The first link to Crafty Computer Paper has some really cool things to do with an ink jet, but they are in the UK. 

I really like the 'Magic' dishwasher-proof decal paper, the temporary tattoo decal paper, the inkjet 'shrink' paper, and the snap in photo keyrings.

*Does anyone know of a source for similar papers in the U.S.?
 
*


----------



## PT Studios (Dec 15, 2006)

What about bears? This looks like a great gift idea to me... Shopping Catalog

Does anyone do these?


----------



## PT Studios (Dec 15, 2006)

Imprintables


----------



## funtimesx (Apr 9, 2006)

PT Studios said:


> What about bears? This looks like a great gift idea to me... Shopping Catalog
> 
> Does anyone do these?


Nope, but I suspect I am about to start! Twin or triplet bears would make an EXCELLENT addition to my line up as part of a gift package!


----------



## PT Studios (Dec 15, 2006)

For sure... I'm just looking for a distributor here in Canada.. that place I linked is waaaay to expensive.. someone has to have bears for like a dollar!


----------



## cpcooks (Dec 21, 2006)

John S said:


> I did a pillow case for a girl who's guy is going to Iraq.
> The photo is of her on a motorcycle. The fine thread count fabric loves transfers. You won't believe how good they look!
> 
> I also sell photo's on Natural 100% cotton totes (BE010 from Alpha)

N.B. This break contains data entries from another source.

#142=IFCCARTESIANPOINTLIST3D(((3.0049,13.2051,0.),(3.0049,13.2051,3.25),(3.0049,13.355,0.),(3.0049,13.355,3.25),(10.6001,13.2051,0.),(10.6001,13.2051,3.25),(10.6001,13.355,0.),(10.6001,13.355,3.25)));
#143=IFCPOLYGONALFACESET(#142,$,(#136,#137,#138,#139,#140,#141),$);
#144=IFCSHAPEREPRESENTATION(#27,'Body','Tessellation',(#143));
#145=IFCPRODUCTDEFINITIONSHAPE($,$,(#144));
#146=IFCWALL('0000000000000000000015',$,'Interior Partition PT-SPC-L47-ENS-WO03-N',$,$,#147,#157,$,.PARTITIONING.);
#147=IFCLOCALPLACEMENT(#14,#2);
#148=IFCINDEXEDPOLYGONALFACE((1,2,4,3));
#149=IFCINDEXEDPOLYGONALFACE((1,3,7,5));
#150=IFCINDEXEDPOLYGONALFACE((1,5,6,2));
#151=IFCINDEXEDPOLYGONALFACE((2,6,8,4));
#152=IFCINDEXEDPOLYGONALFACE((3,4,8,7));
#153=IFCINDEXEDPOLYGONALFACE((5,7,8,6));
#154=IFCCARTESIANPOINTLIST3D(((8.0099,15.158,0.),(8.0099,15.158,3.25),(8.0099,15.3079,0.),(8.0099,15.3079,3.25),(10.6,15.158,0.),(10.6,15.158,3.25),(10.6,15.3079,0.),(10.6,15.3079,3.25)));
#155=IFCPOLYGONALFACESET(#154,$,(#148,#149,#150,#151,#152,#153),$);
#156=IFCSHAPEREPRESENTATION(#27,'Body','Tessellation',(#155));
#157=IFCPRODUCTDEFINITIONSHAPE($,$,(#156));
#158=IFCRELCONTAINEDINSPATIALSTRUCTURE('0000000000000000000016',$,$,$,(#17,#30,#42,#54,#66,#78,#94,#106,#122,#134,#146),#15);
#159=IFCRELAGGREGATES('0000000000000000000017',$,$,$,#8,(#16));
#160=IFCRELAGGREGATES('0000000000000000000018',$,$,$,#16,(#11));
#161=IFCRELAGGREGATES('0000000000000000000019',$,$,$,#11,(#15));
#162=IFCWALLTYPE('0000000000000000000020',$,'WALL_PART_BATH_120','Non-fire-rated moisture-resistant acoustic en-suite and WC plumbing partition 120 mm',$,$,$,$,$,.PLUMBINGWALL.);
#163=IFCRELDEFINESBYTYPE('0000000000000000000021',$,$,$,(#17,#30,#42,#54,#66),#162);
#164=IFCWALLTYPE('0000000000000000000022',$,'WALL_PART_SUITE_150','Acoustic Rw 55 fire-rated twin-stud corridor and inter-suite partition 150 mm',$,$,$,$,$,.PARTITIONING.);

Thinking about these pillow cases...wouldn't the feel of the transfer be uncomfortable? Otherwise I think sheets and pillow cases would be great surfaces to work on.
thanks,
CP


----------



## cpcooks (Dec 21, 2006)

John S said:


> Pillow cases from any linen store or retailer. Nothing special. Just keep the color white or very light if you are using light transfer paper. You can raid your own linen closet but your spouse will want replacements!
> 
> Here are just a few places to get cotton totes.
> 
> ...


Hi again,
Just went to alphashirt and couldn't even see their catalog because I would need to be a silkscreener, etc. Do you have the magic key for accessing their catalog?
thanks again,
CP


----------



## T-BOT (Jul 24, 2006)

thigh hi's are popular trendy items.


----------



## Solmu (Aug 15, 2005)

cpcooks said:


> Just went to alphashirt and couldn't even see their catalog because I would need to be a silkscreener, etc.


You need to register as a member of the trade to get access to their price list, as (like every other wholesaler) they don't want it seen by the general public. The "etc." does cover a lot of bases; if you're buying from them for resale you would be covered.


----------



## PT Studios (Dec 15, 2006)

Thigh hi's T-Bot???


----------



## vlcnmstr (Jan 5, 2007)

*Re: Here are two things we have done*

how did you transfer to a football? (ok, blatant newbie).
Both the curve and the the amount of heat I thought would destroy something like that.
I do minor embroidery and laser transfer mugs right now, I am looking to expand for a better second income. (I also have a laser engraver which is FUNtastic to play with)
djl


----------



## Rodney (Nov 3, 2004)

> how did you transfer to a football? (ok, blatant newbie).
> Both the curve and the the amount of heat I thought would destroy something like that.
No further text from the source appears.